NIR Discussion Forum: Indicator variables and PLS

Indicator variables and PLS Log Out | Topics | Search
Moderators | Register | Edit Profile

NIR Discussion Forum » Bruce Campbell's List » I need help » Indicator variables and PLS

« Previous Next »

Author

Message

Alisha (agnosus)
Junior Member
Username: agnosus

Post Number: 7
Registered: 1-2009

Posted on Tuesday, November 23, 2010 - 10:42 am:

A very helpful response indeed.
Thank you very much Howard.

Howard Mark (hlmark)
Senior Member
Username: hlmark

Post Number: 363
Registered: 9-2001

Posted on Tuesday, November 23, 2010 - 8:59 am:

Alisha - that's a little tricky to answer. It's true that the indicator variables will accomodate the bias differences between the different groups of samples, nevertheless it's not the same as simply doing a bias correction.
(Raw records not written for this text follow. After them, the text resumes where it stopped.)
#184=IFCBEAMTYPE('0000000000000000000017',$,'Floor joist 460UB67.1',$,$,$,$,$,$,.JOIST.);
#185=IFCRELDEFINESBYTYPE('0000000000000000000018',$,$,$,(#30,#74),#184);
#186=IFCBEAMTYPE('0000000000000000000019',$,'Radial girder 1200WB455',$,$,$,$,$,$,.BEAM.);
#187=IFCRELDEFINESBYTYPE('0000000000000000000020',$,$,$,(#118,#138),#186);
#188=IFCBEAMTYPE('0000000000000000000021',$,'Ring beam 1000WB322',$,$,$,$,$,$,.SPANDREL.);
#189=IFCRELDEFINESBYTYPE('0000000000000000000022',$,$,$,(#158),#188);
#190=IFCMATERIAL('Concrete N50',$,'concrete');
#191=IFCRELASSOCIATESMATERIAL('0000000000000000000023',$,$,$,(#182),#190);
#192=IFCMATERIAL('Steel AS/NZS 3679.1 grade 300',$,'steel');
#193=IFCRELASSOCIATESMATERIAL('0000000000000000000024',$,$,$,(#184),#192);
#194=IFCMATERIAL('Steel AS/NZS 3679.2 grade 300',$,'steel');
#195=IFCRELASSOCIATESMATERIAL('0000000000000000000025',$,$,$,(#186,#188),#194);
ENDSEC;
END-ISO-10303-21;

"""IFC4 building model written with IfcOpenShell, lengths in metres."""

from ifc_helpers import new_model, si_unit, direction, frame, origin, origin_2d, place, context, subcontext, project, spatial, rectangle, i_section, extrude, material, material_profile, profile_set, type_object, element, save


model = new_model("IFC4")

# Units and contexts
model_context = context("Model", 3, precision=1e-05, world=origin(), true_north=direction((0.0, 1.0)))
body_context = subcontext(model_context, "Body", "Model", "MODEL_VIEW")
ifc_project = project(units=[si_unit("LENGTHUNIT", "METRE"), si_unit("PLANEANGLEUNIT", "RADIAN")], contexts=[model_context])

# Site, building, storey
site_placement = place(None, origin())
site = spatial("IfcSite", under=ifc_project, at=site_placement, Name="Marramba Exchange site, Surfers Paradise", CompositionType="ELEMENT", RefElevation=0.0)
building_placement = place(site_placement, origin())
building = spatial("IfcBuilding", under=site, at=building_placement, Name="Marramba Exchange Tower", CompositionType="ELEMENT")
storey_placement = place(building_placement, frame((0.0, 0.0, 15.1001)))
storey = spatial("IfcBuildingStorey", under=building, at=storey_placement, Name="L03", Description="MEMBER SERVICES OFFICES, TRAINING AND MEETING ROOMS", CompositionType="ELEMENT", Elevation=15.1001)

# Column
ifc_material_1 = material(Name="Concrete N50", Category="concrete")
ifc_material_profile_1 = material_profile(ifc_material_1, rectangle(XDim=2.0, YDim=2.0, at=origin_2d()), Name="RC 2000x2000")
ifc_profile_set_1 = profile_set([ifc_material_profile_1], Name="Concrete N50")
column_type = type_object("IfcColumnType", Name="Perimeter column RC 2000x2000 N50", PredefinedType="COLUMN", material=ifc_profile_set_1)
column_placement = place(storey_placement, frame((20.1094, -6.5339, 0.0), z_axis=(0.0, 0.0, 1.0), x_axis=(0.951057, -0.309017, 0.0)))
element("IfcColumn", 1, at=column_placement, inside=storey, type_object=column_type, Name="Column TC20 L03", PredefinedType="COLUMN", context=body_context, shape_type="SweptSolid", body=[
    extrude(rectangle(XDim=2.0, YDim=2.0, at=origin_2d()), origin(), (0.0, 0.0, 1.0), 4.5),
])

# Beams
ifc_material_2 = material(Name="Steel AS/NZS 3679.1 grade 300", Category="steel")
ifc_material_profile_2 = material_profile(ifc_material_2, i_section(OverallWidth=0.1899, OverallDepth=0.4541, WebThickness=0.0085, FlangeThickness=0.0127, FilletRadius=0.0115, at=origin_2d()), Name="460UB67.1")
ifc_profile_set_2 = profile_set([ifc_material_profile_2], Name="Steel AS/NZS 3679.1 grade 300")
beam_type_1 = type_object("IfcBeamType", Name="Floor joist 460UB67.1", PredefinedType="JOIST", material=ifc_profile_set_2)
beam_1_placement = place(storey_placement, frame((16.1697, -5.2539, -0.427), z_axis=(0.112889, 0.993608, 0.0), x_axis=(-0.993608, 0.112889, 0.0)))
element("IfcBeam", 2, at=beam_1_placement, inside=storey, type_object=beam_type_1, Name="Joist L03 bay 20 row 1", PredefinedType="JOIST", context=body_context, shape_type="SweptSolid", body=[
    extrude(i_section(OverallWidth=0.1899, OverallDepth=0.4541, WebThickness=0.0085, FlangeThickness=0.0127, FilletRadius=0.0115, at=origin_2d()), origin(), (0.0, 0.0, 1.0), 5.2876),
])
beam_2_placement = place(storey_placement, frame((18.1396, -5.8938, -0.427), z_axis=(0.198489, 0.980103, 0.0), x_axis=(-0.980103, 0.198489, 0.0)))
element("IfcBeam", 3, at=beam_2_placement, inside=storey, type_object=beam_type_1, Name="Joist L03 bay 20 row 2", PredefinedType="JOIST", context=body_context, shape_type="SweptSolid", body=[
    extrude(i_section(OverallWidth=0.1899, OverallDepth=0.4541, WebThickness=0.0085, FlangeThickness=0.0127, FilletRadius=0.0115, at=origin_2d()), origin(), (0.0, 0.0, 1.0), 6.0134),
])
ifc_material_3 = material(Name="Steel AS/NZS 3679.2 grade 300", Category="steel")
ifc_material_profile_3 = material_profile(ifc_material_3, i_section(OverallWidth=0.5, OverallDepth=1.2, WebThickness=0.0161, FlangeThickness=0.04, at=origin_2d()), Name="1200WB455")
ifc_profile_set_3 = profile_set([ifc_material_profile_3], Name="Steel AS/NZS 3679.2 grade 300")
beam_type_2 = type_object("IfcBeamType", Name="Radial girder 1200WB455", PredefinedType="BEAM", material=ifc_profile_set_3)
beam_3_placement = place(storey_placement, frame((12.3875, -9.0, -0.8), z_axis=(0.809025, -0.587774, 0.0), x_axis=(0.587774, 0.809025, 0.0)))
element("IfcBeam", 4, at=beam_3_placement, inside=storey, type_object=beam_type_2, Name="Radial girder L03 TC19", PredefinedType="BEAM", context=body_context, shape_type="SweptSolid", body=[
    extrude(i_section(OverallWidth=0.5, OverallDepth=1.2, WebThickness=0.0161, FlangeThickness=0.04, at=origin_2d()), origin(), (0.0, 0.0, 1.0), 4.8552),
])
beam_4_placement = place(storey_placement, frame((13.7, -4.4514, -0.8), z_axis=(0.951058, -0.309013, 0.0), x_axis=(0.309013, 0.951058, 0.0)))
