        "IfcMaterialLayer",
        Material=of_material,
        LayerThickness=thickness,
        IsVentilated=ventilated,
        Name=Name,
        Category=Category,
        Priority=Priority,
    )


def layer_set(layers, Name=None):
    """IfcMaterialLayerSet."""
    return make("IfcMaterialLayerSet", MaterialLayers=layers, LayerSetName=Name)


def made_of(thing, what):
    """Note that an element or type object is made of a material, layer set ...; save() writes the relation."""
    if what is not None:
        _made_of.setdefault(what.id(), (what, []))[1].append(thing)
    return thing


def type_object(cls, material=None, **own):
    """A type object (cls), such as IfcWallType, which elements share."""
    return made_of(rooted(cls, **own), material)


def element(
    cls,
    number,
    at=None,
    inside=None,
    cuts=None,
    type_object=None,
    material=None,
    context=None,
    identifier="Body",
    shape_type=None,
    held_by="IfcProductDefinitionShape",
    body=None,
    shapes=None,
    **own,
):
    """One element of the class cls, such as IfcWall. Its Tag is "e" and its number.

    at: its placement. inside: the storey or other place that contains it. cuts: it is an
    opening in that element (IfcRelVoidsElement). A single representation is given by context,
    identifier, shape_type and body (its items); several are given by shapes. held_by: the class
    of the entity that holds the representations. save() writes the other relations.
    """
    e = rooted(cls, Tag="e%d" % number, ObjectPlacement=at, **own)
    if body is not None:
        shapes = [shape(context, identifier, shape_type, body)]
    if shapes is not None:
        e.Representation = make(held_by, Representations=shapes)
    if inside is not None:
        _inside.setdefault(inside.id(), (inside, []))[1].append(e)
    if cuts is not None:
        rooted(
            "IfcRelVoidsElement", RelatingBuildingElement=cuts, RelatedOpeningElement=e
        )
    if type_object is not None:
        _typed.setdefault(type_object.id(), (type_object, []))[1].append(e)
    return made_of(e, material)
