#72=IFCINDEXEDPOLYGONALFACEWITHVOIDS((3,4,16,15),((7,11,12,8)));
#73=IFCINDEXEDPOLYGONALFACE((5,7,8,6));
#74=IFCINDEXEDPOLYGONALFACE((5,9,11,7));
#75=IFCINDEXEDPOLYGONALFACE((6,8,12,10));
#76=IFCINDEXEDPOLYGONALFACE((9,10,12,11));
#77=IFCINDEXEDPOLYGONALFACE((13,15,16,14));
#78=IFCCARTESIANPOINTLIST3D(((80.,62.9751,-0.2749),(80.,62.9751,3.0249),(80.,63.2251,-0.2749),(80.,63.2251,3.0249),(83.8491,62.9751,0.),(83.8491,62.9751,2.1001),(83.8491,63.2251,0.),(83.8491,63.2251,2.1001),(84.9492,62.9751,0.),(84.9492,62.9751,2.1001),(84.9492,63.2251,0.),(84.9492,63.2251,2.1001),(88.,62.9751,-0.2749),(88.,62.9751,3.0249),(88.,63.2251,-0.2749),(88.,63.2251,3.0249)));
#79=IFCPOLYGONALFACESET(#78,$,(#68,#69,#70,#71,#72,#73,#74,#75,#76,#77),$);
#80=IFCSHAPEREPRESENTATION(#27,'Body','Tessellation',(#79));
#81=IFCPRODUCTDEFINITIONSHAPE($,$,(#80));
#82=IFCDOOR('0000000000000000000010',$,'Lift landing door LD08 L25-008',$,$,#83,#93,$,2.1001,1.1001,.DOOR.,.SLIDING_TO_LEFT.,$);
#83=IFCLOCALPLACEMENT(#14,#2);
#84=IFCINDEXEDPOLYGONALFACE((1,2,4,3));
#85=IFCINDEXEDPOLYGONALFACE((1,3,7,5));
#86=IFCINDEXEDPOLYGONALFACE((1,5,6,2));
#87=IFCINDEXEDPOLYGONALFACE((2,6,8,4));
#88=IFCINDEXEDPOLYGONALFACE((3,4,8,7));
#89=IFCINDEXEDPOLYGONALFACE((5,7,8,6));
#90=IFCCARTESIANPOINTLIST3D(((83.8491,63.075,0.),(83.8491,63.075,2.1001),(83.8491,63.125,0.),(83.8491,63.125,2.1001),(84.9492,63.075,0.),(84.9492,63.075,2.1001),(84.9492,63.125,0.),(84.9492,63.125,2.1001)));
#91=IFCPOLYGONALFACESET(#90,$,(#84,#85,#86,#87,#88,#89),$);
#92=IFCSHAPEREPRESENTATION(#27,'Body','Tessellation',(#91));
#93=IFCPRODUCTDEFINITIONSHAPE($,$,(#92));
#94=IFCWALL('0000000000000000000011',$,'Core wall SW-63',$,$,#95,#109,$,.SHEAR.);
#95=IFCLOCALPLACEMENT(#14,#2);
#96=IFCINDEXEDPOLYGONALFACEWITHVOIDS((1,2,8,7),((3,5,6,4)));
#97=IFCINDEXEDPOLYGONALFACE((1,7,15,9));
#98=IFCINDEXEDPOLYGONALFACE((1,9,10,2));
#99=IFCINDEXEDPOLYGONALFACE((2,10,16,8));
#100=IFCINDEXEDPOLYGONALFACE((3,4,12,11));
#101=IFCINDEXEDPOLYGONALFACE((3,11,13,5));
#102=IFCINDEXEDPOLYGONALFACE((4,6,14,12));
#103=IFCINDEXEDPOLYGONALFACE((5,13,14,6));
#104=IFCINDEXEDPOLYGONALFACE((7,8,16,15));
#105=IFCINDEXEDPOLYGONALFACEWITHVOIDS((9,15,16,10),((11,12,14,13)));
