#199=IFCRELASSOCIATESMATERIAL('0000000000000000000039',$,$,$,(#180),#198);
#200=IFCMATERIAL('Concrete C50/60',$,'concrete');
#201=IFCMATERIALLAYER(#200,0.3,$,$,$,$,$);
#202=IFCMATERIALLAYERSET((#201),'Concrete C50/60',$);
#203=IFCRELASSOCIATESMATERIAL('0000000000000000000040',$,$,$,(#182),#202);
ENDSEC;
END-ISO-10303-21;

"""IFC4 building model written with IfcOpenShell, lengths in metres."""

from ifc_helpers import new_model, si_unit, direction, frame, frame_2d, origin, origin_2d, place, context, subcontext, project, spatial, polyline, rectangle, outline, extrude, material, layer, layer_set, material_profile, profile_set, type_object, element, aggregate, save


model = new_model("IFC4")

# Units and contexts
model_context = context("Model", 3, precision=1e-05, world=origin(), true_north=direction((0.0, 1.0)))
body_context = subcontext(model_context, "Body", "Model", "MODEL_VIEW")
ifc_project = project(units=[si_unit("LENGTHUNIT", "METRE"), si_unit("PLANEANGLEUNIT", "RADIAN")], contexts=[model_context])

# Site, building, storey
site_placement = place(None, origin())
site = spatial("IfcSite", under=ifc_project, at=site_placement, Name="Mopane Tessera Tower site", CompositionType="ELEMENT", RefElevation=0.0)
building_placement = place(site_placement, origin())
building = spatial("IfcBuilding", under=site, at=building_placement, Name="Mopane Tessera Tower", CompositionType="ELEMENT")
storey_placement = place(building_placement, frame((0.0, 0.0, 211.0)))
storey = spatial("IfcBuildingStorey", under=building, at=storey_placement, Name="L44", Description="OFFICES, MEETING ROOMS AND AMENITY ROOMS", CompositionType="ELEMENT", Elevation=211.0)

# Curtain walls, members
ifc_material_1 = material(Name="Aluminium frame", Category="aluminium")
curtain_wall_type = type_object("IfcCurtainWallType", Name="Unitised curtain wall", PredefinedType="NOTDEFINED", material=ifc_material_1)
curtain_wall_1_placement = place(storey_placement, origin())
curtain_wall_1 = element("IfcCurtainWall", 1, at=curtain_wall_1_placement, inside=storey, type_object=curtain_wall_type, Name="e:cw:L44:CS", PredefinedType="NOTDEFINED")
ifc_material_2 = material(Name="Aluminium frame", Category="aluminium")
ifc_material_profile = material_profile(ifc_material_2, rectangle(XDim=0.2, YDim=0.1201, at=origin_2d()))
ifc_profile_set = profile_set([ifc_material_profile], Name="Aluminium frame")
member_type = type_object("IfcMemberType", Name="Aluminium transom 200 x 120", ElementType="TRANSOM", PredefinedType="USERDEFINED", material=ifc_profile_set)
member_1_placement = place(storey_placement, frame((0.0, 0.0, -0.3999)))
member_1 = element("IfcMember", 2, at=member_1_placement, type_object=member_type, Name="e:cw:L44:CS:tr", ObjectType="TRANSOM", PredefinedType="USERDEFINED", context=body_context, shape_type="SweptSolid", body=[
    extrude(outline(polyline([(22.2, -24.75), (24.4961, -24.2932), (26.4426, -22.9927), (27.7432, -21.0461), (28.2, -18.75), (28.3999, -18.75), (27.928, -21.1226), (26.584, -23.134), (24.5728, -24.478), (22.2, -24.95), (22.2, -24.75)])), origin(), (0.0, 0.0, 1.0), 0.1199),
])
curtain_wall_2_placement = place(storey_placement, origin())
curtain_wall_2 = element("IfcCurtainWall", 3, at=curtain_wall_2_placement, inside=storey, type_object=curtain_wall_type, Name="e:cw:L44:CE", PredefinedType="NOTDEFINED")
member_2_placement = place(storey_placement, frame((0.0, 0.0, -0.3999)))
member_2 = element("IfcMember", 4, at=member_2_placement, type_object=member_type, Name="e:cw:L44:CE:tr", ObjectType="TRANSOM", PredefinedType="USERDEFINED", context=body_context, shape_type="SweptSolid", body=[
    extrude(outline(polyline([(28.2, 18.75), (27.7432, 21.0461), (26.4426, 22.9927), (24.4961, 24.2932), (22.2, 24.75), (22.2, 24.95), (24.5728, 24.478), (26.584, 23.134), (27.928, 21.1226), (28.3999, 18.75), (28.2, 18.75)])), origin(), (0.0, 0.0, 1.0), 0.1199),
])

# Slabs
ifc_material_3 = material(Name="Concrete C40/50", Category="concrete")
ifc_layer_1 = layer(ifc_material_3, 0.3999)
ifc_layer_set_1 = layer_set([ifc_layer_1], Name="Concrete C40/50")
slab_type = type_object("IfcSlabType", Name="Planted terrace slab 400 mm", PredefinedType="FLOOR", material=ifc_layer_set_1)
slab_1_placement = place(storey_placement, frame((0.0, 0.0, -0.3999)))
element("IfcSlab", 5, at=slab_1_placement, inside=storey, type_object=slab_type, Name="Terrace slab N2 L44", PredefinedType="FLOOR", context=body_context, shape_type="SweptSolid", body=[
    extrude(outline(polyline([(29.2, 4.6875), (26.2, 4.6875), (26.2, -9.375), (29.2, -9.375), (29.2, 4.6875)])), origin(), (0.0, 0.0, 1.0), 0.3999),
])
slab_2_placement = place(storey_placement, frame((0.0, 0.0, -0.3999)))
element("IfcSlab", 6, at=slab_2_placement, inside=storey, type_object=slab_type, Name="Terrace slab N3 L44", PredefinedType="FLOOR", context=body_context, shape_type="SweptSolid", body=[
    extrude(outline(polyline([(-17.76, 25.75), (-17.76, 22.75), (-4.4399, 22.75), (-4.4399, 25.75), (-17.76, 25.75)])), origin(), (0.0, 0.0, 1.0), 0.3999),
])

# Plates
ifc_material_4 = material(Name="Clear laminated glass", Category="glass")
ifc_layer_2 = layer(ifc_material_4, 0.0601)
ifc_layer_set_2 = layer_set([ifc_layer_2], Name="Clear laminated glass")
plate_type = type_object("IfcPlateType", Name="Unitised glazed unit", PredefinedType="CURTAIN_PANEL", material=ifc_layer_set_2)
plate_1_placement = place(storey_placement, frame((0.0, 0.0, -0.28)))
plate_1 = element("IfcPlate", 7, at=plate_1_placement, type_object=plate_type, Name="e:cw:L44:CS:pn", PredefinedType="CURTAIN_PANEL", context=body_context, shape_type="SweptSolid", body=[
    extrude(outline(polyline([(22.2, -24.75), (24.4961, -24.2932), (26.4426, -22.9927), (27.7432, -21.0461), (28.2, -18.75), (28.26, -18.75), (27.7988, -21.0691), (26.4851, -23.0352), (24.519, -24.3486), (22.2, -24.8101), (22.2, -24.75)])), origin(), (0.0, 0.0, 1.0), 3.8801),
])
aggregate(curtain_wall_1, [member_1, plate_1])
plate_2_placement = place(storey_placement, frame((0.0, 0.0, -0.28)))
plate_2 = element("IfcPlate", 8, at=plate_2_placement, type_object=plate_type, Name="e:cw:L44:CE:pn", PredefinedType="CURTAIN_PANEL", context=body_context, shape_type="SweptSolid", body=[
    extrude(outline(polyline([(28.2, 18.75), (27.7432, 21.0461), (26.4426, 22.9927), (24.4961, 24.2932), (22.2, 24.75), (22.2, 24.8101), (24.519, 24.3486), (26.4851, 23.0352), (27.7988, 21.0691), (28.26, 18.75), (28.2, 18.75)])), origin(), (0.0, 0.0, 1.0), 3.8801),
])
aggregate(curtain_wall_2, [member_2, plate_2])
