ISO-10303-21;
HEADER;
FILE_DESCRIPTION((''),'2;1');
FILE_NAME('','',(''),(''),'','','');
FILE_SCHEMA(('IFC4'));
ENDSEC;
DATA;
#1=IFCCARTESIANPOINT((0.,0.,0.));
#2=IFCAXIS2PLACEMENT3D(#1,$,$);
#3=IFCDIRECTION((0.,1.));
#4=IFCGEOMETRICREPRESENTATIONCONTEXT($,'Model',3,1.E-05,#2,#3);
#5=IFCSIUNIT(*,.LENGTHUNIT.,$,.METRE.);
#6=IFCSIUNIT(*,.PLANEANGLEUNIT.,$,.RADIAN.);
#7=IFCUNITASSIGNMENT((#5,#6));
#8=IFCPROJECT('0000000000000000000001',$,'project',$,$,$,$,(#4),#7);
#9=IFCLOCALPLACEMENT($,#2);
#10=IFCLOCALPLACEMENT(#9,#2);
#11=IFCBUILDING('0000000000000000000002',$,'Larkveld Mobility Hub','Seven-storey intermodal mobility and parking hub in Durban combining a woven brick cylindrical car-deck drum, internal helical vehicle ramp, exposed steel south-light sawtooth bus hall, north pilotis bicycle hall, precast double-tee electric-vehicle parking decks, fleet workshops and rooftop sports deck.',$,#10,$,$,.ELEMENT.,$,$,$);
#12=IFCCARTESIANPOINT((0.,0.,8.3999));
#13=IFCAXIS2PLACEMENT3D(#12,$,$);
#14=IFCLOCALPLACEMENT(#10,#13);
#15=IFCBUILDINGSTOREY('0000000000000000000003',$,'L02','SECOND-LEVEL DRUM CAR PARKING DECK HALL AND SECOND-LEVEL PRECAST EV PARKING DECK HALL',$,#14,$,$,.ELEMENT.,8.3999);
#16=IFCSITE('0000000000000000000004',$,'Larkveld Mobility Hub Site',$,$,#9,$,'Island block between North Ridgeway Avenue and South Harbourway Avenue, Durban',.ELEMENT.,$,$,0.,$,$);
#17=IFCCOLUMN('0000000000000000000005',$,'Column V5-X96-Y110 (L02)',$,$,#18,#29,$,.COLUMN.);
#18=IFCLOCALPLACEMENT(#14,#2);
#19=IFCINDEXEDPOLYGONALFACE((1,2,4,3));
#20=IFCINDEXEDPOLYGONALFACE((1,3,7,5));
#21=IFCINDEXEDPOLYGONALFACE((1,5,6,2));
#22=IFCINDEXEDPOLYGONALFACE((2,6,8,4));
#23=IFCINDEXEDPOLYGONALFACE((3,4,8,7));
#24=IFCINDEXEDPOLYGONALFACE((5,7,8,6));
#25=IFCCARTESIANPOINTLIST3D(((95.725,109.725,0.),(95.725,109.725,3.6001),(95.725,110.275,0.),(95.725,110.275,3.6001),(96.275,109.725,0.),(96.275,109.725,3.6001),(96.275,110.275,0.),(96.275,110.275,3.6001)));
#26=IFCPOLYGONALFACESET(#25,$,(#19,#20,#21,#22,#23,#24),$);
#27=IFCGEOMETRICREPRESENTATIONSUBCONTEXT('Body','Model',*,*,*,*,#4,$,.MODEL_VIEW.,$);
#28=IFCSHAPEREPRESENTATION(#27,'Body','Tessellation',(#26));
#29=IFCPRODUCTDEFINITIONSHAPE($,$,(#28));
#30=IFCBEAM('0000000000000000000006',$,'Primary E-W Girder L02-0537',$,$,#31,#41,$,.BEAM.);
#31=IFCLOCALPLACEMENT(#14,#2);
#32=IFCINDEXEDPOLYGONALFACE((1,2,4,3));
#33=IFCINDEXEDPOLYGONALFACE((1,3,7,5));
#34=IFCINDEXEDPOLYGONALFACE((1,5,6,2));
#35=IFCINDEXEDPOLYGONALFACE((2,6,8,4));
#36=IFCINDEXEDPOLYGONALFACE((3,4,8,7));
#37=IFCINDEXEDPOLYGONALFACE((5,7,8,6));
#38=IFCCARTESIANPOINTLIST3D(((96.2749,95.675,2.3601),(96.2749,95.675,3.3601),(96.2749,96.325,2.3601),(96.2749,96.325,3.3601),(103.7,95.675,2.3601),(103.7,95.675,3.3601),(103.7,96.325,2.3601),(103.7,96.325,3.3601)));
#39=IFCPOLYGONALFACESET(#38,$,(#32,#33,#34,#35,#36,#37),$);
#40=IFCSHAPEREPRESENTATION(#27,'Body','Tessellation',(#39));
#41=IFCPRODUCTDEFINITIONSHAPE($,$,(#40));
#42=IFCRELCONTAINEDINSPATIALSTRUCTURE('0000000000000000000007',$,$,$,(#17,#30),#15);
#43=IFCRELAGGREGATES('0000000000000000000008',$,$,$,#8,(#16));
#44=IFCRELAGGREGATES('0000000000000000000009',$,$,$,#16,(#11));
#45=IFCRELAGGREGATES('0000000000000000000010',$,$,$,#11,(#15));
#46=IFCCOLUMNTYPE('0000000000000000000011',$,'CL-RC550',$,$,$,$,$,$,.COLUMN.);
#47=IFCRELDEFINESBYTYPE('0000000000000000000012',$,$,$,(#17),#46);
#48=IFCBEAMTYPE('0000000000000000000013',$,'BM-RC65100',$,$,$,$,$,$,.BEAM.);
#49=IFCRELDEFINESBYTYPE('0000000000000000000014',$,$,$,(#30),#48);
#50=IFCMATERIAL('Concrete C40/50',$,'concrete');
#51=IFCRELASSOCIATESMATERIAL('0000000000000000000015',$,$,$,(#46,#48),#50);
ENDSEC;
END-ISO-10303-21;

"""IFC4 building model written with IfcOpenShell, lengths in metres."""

from ifc_helpers import new_model, si_unit, direction, frame, origin, origin_2d, place, context, subcontext, project, spatial, rectangle, extrude, material, material_profile, profile_set, type_object, element, save


model = new_model("IFC4")

# Units and contexts
model_context = context("Model", 3, precision=1e-05, world=origin(), true_north=direction((0.0, 1.0)))
body_context = subcontext(model_context, "Body", "Model", "MODEL_VIEW")
ifc_project = project(units=[si_unit("LENGTHUNIT", "METRE"), si_unit("PLANEANGLEUNIT", "RADIAN")], contexts=[model_context])

# Site, building, storey
site_placement = place(None, origin())
site = spatial("IfcSite", under=ifc_project, at=site_placement, Name="Larkveld Mobility Hub Site", LongName="Island block between North Ridgeway Avenue and South Harbourway Avenue, Durban", CompositionType="ELEMENT", RefElevation=0.0)
building_placement = place(site_placement, origin())
building = spatial("IfcBuilding", under=site, at=building_placement, Name="Larkveld Mobility Hub", Description="Seven-storey intermodal mobility and parking hub in Durban combining a woven brick cylindrical car-deck drum, internal helical vehicle ramp, exposed steel south-light sawtooth bus hall, north pilotis bicycle hall, precast double-tee electric-vehicle parking decks, fleet workshops and rooftop sports deck.", CompositionType="ELEMENT")
storey_placement = place(building_placement, frame((0.0, 0.0, 8.3999)))
storey = spatial("IfcBuildingStorey", under=building, at=storey_placement, Name="L02", Description="SECOND-LEVEL DRUM CAR PARKING DECK HALL AND SECOND-LEVEL PRECAST EV PARKING DECK HALL", CompositionType="ELEMENT", Elevation=8.3999)

# Column
ifc_material_1 = material(Name="Concrete C40/50", Category="concrete")
ifc_material_profile_1 = material_profile(ifc_material_1, rectangle(XDim=0.55, YDim=0.55, at=origin_2d()), Name="RC COL 550x550")
ifc_profile_set_1 = profile_set([ifc_material_profile_1], Name="Concrete C40/50")
column_type = type_object("IfcColumnType", Name="CL-RC550", PredefinedType="COLUMN", material=ifc_profile_set_1)
column_placement = place(storey_placement, frame((96.0, 110.0, 0.0), z_axis=(0.0, 0.0, 1.0), x_axis=(1.0, 0.0, 0.0)))
element("IfcColumn", 1, at=column_placement, inside=storey, type_object=column_type, Name="Column V5-X96-Y110 (L02)", PredefinedType="COLUMN", context=body_context, shape_type="SweptSolid", body=[
    extrude(rectangle(XDim=0.55, YDim=0.55, at=origin_2d()), origin(), (0.0, 0.0, 1.0), 3.6001),
])

# Beam
ifc_material_profile_2 = material_profile(ifc_material_1, rectangle(XDim=0.6499, YDim=1.0, at=origin_2d()), Name="RC BM 650x1000")
ifc_profile_set_2 = profile_set([ifc_material_profile_2], Name="Concrete C40/50")
beam_type = type_object("IfcBeamType", Name="BM-RC65100", PredefinedType="BEAM", material=ifc_profile_set_2)
beam_placement = place(storey_placement, frame((96.2749, 96.0, 2.8601), z_axis=(1.0, 0.0, 0.0), x_axis=(0.0, 1.0, 0.0)))
element("IfcBeam", 2, at=beam_placement, inside=storey, type_object=beam_type, Name="Primary E-W Girder L02-0537", PredefinedType="BEAM", context=body_context, shape_type="SweptSolid", body=[
    extrude(rectangle(XDim=0.6499, YDim=1.0, at=origin_2d()), origin(), (0.0, 0.0, 1.0), 7.425),
])

save(model, "model.ifc")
The reason is that when you include indicator variables in the calibration (if you can do that properly) then the coeffcients you calculate (and the factors, in the case of PLS) will be different than the ones you would calculate in the absence of the indicator variable. The reason is that in the absence of the indicator variables the model has to minimize the Sum Squared Error (SSE) that INCLUDES the contribution from the inter-group bias. If you include the indicator variables then the model only has to accomodate the other, presumably more fundamental variations of the data.

If you don't include the indicator variables, then at the very least, you would have to include more factors (for PLS) or wavelengths (for MLR) to try to get a model that will give the same performance, and that will make the model development process more subject to overfitting.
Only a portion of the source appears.